What is perhaps the simplest unsolved case of the conjecture conveys its difficulty: Let f: ℂ2 → ℂ2 be a polynomial mapping. (That is, f(z,w) is of the form (P(z,w), Q(z,w)) where P and Q are polynomials with complex coefficients). Assume further that f is locally one-to-one. Then the Jacobian conjecture asserts that the function f is both a) globally one-to-one and b) onto. (In other words, that f is a bijection of ℂ2 to itself.) Neither a) nor b) has been proved.
The Jacobian conjecture is notorious for the large number of attempted proofs that turned out to contain subtle errors. As of 2015, there are no plausible claims to have proved it. Even the two variable case has resisted all efforts. There are no known compelling reasons for believing it to be true, and according to van den Essen (1997) there are some suspicions that the conjecture is in fact false for large numbers of variables.
The Jacobian determinant
- F(c1, ..., cN) = (f1(c1, ...,cN),..., fN(c1,...,cN))
then JF is itself a polynomial function of the N variables X1, ..., XN.
Formulation of the conjecture
It follows from the multivariable chain rule that if F has a polynomial inverse function G: kN → kN, then JF has a polynomial reciprocal, so is a nonzero constant. The Jacobian conjecture is the following partial converse:
Jacobian conjecture: If JF is a non-zero constant and k has characteristic 0, then F has an inverse function G: kN → kN, and G is regular (in the sense that its components are given by polynomial expressions).
The obvious analogue of the Jacobian conjecture fails if k has characteristic p > 0 even for 1 variable, as the polynomial x - xp has derivative 1 but no inverse function.
For real maps, the condition JF ≠ 0 is related to the inverse function theorem in multivariable calculus. In fact for smooth functions (and so in particular for polynomials) a smooth local inverse function to F exists at every point where JF is non-zero. The example x + x3 has a smooth global inverse.

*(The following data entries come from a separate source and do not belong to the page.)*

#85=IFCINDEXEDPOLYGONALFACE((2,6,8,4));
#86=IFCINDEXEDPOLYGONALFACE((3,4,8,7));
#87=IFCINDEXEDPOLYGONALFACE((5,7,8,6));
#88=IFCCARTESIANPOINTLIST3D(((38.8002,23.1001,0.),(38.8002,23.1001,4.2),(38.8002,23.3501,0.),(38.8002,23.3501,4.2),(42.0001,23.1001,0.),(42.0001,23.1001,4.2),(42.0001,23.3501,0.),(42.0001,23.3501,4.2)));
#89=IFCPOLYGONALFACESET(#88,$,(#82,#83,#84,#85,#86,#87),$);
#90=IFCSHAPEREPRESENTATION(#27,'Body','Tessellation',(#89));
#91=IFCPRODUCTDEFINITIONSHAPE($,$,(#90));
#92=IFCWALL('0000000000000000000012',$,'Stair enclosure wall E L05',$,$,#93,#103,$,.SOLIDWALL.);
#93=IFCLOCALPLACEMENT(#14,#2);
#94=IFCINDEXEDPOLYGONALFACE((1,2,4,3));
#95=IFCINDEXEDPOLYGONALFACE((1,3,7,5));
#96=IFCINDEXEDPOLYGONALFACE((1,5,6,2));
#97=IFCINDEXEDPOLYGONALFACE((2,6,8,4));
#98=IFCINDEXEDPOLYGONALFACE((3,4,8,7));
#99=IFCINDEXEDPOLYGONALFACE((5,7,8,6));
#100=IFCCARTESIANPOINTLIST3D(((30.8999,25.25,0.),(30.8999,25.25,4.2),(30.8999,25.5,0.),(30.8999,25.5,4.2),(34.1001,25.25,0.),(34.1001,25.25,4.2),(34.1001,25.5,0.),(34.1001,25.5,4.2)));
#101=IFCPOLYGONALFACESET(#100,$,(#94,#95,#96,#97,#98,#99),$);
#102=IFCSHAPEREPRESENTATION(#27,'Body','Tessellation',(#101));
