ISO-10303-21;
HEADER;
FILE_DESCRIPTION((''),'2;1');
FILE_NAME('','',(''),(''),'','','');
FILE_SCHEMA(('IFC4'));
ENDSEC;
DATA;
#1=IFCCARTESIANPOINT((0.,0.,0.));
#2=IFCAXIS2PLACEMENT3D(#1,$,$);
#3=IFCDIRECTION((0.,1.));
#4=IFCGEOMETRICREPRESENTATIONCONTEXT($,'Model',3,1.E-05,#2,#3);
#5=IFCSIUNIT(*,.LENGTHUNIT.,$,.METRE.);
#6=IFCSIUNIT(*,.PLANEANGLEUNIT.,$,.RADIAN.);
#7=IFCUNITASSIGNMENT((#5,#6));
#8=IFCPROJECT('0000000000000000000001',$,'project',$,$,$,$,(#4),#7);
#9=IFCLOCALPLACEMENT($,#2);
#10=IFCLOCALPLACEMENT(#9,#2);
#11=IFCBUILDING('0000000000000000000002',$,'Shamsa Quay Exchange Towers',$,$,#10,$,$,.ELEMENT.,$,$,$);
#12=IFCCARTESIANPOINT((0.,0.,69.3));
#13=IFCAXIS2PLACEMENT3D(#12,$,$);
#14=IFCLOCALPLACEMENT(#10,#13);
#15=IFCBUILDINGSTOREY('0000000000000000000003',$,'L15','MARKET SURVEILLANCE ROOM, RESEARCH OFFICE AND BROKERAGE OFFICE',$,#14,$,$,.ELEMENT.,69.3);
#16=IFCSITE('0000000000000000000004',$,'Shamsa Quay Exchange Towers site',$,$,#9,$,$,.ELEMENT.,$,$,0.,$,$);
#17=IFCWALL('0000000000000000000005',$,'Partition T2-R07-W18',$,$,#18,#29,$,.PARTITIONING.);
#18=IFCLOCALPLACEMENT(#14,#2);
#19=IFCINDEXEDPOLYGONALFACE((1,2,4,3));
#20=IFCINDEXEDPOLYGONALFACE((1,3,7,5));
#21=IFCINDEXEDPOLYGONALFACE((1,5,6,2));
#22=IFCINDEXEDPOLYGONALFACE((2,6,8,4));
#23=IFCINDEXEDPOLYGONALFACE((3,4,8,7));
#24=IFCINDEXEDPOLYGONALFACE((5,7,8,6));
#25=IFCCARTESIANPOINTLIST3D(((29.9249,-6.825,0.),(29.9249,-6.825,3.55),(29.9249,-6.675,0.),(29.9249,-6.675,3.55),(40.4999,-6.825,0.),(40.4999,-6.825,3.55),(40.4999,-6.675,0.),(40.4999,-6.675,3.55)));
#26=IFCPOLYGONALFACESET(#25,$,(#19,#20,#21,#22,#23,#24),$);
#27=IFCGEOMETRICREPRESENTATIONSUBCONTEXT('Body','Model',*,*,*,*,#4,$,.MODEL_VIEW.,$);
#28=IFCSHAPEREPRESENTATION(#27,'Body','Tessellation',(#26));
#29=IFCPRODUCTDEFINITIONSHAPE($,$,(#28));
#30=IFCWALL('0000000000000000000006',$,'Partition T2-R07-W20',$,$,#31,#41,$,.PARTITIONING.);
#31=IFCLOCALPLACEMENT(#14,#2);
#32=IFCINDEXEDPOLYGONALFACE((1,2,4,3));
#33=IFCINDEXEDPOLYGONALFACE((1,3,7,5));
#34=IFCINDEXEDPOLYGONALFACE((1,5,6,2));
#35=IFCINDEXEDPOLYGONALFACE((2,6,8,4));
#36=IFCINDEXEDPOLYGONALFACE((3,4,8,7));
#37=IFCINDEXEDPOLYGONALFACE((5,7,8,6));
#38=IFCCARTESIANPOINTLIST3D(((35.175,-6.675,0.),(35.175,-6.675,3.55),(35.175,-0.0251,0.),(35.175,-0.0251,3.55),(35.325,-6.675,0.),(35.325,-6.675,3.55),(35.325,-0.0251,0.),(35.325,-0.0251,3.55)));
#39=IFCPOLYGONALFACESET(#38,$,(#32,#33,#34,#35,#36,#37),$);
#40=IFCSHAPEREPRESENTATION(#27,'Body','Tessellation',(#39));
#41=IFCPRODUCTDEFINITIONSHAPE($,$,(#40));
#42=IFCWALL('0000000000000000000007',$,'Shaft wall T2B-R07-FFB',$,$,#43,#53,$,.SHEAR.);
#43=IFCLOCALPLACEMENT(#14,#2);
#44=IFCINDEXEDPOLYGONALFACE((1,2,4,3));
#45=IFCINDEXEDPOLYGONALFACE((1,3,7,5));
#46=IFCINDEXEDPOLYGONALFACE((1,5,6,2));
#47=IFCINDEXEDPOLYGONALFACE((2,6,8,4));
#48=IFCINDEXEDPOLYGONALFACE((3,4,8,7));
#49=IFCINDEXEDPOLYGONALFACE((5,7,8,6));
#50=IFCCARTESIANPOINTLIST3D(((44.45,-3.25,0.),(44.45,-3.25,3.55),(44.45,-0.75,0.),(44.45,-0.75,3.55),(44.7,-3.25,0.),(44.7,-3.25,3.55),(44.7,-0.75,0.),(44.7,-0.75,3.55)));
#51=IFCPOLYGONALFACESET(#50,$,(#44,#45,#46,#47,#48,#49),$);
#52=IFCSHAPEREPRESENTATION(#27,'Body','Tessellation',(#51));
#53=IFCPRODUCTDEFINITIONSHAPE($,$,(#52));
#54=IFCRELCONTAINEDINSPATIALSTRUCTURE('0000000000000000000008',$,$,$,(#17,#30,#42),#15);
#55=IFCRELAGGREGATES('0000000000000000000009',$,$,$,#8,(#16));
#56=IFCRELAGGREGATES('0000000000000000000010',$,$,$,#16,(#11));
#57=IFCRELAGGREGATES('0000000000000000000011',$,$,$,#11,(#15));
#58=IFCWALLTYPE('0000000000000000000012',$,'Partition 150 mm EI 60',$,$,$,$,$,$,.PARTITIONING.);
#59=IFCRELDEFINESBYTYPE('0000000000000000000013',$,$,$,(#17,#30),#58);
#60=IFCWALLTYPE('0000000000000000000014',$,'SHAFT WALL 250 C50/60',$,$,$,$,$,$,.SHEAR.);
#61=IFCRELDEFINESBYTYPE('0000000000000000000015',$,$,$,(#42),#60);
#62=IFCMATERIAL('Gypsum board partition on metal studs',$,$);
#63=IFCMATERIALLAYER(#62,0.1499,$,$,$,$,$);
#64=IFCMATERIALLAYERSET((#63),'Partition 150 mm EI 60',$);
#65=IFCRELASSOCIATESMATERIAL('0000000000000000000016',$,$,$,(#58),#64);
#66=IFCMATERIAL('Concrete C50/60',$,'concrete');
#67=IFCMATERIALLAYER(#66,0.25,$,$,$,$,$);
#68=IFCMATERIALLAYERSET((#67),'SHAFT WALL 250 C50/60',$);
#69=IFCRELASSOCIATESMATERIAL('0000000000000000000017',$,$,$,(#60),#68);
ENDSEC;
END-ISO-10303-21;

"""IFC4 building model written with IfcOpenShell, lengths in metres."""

from ifc_helpers import new_model, si_unit, direction, frame, frame_2d, origin, place, context, subcontext, project, spatial, rectangle, extrude, material, layer, layer_set, type_object, element, save


model = new_model("IFC4")

# Units and contexts
model_context = context("Model", 3, precision=1e-05, world=origin(), true_north=direction((0.0, 1.0)))
body_context = subcontext(model_context, "Body", "Model", "MODEL_VIEW")
ifc_project = project(units=[si_unit("LENGTHUNIT", "METRE"), si_unit("PLANEANGLEUNIT", "RADIAN")], contexts=[model_context])

# Site, building, storey
site_placement = place(None, origin())
site = spatial("IfcSite", under=ifc_project, at=site_placement, Name="Shamsa Quay Exchange Towers site", CompositionType="ELEMENT", RefElevation=0.0)
building_placement = place(site_placement, origin())
building = spatial("IfcBuilding", under=site, at=building_placement, Name="Shamsa Quay Exchange Towers", CompositionType="ELEMENT")
storey_placement = place(building_placement, frame((0.0, 0.0, 69.3)))
storey = spatial("IfcBuildingStorey", under=building, at=storey_placement, Name="L15", Description="MARKET SURVEILLANCE ROOM, RESEARCH OFFICE AND BROKERAGE OFFICE", CompositionType="ELEMENT", Elevation=69.3)

# Walls
ifc_material_1 = material(Name="Gypsum board partition on metal studs")
ifc_layer_1 = layer(ifc_material_1, 0.1499)
ifc_layer_set_1 = layer_set([ifc_layer_1], Name="Partition 150 mm EI 60")
wall_type_1 = type_object("IfcWallType", Name="Partition 150 mm EI 60", PredefinedType="PARTITIONING", material=ifc_layer_set_1)
wall_1_placement = place(storey_placement, frame((40.5, -6.75, 0.0), z_axis=(0.0, 0.0, 1.0), x_axis=(-1.0, 0.0, 0.0)))
element("IfcWall", 1, at=wall_1_placement, inside=storey, type_object=wall_type_1, Name="Partition T2-R07-W18", PredefinedType="PARTITIONING", context=body_context, shape_type="SweptSolid", body=[
    extrude(rectangle(XDim=10.575, YDim=0.1499, at=frame_2d((5.2876, 0.0))), origin(), (0.0, 0.0, 1.0), 3.55),
])
wall_2_placement = place(storey_placement, frame((35.25, -0.0251, 0.0), z_axis=(0.0, 0.0, 1.0), x_axis=(0.0, -1.0, 0.0)))
element("IfcWall", 2, at=wall_2_placement, inside=storey, type_object=wall_type_1, Name="Partition T2-R07-W20", PredefinedType="PARTITIONING", context=body_context, shape_type="SweptSolid", body=[
    extrude(rectangle(XDim=6.6499, YDim=0.1499, at=frame_2d((3.325, 0.0))), origin(), (0.0, 0.0, 1.0), 3.55),
])
ifc_material_2 = material(Name="Concrete C50/60", Category="concrete")
ifc_layer_2 = layer(ifc_material_2, 0.25)
ifc_layer_set_2 = layer_set([ifc_layer_2], Name="SHAFT WALL 250 C50/60")
wall_type_2 = type_object("IfcWallType", Name="SHAFT WALL 250 C50/60", PredefinedType="SHEAR", material=ifc_layer_set_2)
wall_3_placement = place(storey_placement, frame((44.575, -3.25, 0.0), z_axis=(0.0, 0.0, 1.0), x_axis=(0.0, 1.0, 0.0)))
element("IfcWall", 3, at=wall_3_placement, inside=storey, type_object=wall_type_2, Name="Shaft wall T2B-R07-FFB", PredefinedType="SHEAR", context=body_context, shape_type="SweptSolid", body=[
    extrude(rectangle(XDim=2.5, YDim=0.25, at=frame_2d((1.25, 0.0))), origin(), (0.0, 0.0, 1.0), 3.55),
])

save(model, "model.ifc")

Wang (1980) proved the Jacobian conjecture for polynomials of degree 2, and Bass, Connell & Wright (1982) showed that the general case follows from the special case where the polynomials are of degree 3, more particularly, of the form F = (X1 + H1, ..., Xn + Hn), where each Hi is either zero or a homogeneous cubic. Drużkowski (1983) showed that one may further assume that the nonzero Hi are cubes of homogeneous linear polynomials. These reductions introduce additional variables and so are not available for fixed N.

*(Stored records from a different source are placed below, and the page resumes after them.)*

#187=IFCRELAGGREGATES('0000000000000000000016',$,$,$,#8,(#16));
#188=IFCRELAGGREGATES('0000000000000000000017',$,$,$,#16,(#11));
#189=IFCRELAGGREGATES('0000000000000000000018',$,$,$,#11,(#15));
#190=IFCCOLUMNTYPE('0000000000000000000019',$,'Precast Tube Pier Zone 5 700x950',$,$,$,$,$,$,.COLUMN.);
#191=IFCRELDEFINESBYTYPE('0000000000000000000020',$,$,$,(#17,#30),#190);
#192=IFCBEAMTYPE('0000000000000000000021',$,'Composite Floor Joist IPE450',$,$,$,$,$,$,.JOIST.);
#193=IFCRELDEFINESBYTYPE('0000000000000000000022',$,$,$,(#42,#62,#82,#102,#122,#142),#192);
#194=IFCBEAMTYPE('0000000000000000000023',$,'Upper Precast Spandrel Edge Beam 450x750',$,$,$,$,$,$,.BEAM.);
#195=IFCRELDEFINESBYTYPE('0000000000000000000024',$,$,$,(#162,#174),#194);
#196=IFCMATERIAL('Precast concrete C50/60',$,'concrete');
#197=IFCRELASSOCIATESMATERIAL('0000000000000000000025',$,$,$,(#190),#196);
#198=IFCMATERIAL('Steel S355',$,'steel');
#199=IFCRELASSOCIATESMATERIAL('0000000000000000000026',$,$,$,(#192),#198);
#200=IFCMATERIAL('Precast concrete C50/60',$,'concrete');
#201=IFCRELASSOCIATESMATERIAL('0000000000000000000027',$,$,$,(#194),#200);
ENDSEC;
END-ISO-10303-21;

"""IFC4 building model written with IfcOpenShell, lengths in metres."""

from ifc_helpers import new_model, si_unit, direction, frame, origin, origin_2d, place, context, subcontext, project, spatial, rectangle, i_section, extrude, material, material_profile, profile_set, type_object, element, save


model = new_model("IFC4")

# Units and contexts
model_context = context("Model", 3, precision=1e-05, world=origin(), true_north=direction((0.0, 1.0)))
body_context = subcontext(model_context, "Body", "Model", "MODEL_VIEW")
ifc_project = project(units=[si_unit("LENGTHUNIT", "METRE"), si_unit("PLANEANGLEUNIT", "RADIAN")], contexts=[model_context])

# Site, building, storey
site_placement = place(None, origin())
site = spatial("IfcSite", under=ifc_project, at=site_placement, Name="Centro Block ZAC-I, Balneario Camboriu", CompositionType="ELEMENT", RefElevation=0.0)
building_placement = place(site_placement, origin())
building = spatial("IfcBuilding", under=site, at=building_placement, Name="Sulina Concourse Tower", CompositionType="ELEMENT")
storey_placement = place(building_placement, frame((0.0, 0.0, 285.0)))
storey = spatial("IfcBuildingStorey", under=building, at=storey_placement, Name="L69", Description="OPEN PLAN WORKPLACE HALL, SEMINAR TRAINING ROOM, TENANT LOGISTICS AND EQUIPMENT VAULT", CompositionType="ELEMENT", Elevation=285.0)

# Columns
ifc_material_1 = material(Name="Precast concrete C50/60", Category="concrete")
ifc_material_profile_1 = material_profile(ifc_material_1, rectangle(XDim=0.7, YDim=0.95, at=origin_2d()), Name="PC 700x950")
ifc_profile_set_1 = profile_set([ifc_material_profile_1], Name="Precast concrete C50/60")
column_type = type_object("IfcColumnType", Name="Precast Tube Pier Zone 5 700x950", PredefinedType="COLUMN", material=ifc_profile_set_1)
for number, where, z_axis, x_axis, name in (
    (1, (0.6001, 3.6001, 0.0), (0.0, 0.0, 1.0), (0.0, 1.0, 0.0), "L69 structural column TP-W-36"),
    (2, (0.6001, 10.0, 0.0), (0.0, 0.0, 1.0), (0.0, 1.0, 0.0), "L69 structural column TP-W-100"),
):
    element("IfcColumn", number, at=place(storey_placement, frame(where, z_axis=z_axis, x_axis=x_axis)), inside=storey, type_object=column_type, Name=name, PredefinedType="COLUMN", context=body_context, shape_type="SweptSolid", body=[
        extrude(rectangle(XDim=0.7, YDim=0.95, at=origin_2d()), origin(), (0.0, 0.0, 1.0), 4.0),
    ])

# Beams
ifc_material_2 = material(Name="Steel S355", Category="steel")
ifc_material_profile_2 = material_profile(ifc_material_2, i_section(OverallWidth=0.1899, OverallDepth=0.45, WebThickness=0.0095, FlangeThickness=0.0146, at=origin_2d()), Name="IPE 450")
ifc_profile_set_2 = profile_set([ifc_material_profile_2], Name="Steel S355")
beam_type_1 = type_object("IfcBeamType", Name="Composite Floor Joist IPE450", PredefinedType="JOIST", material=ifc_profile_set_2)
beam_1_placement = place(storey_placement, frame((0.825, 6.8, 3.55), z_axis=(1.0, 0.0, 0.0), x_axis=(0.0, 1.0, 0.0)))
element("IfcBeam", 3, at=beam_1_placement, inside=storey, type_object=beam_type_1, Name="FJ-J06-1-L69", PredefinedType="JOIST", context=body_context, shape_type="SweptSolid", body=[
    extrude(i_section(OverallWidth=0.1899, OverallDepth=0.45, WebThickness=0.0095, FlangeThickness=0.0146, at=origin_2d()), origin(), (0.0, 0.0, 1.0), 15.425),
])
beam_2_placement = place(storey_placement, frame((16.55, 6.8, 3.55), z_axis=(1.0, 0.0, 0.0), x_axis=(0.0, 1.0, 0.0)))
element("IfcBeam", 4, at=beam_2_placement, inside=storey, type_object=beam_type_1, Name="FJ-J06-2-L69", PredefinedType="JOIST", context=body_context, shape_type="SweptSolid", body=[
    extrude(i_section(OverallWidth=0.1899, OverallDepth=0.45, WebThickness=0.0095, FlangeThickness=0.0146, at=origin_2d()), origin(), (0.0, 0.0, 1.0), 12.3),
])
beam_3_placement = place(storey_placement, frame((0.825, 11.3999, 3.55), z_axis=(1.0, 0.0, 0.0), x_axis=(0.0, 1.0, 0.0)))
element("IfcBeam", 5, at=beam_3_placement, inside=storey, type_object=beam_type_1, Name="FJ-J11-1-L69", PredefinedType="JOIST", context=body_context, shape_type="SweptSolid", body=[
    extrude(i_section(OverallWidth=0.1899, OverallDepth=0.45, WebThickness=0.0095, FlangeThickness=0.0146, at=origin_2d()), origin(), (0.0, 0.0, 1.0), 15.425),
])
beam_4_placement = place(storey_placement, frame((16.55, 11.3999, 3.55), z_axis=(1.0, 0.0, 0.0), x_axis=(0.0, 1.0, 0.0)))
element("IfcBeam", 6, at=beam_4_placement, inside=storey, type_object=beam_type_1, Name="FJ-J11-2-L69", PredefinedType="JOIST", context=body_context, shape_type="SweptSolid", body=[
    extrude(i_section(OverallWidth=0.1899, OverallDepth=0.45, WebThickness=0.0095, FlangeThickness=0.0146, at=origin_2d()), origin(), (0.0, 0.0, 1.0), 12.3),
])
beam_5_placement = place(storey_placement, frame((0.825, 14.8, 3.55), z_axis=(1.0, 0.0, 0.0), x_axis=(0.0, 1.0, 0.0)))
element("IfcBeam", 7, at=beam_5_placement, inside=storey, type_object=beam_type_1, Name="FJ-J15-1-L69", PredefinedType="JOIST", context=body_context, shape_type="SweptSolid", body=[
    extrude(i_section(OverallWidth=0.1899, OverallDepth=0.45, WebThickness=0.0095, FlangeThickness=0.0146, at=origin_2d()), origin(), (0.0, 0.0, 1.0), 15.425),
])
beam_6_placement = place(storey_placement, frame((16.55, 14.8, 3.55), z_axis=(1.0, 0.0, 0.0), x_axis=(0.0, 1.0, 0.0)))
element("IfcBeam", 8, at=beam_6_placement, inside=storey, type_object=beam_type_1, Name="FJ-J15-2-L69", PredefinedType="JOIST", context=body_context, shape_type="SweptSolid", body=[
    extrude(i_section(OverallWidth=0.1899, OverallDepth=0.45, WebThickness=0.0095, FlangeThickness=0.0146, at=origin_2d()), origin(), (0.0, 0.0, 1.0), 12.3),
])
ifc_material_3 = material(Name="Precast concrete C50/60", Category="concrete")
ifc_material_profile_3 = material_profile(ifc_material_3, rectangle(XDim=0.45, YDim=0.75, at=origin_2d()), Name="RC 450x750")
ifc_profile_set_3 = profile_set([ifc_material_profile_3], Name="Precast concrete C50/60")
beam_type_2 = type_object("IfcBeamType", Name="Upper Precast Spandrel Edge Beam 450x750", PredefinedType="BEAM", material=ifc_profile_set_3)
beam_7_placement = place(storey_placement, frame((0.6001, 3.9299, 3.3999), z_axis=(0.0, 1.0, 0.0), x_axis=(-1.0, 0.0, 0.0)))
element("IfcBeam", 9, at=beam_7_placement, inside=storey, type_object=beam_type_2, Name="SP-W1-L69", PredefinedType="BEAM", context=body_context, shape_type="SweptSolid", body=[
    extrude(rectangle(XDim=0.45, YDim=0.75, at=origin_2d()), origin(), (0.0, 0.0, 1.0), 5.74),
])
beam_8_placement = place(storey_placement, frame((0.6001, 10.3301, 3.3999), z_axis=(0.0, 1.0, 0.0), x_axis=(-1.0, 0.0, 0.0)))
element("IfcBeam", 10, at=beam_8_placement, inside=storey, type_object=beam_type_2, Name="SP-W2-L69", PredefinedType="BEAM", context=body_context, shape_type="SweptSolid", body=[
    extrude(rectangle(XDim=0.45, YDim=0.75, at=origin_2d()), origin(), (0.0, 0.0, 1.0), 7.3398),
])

Connell & van den Dries (1983) proved that if the Jacobian conjecture is false, then it has a counterexample with integer coefficients and Jacobian determinant 1. In consequence, the Jacobian conjecture is true either for all fields of characteristic 0 or for none. For fixed N, it is true if it holds for at least one algebraically closed field of characteristic 0.
Let k[X] denote the polynomial ring k[X1, ..., Xn] and k[F] denote the k-subalgebra generated by f1, ..., fn. For a given F, the Jacobian conjecture is true if, and only if, k[X] = k[F]. Keller (1939) proved the birational case, that is, where the two fields k(X) and k(F) are equal. The case where k(X) is a Galois extension of k(F) was proved by Campbell (1973) for complex maps and in general by Razar (1979) and, independently, Wright (1981). Adjamagbo (1995) suggested extending the Jacobian conjecture to characteristic p > 0 by adding the hypothesis that p does not divide the degree of the field extension k(X) / k(F). Moh (1983) checked the conjecture for polynomials of degree at most 100 in two variables.

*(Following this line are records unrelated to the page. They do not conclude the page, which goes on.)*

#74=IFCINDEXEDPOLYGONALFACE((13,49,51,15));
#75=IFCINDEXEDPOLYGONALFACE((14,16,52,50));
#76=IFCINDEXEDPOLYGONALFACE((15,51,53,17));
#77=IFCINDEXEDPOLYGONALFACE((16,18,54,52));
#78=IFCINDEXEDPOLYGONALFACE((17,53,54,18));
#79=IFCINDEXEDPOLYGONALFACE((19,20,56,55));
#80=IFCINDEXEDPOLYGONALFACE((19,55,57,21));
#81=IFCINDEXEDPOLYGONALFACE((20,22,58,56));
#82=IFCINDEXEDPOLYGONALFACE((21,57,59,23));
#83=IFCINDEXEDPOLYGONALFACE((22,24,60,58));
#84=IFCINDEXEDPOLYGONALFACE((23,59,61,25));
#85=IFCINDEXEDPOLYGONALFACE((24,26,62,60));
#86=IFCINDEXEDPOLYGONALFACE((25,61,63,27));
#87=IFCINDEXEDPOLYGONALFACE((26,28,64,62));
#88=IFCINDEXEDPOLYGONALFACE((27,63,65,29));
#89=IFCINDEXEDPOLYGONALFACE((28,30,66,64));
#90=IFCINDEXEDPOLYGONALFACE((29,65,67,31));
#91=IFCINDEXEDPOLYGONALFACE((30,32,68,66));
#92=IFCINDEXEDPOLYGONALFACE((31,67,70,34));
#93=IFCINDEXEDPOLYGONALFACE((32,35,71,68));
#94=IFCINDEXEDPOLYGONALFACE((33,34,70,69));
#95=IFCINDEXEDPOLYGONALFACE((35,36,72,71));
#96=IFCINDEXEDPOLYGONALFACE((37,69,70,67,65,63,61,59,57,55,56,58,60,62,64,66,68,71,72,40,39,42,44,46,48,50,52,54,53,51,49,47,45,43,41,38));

The strong real Jacobian conjecture was that a real polynomial map with a nowhere vanishing Jacobian determinant has a smooth global inverse. That is equivalent to asking whether such a map is topologically a proper map, in which case it is a covering map of a simply connected manifold, hence invertible. Sergey Pinchuk (1994) constructed two variable counterexamples of total degree 25 and higher.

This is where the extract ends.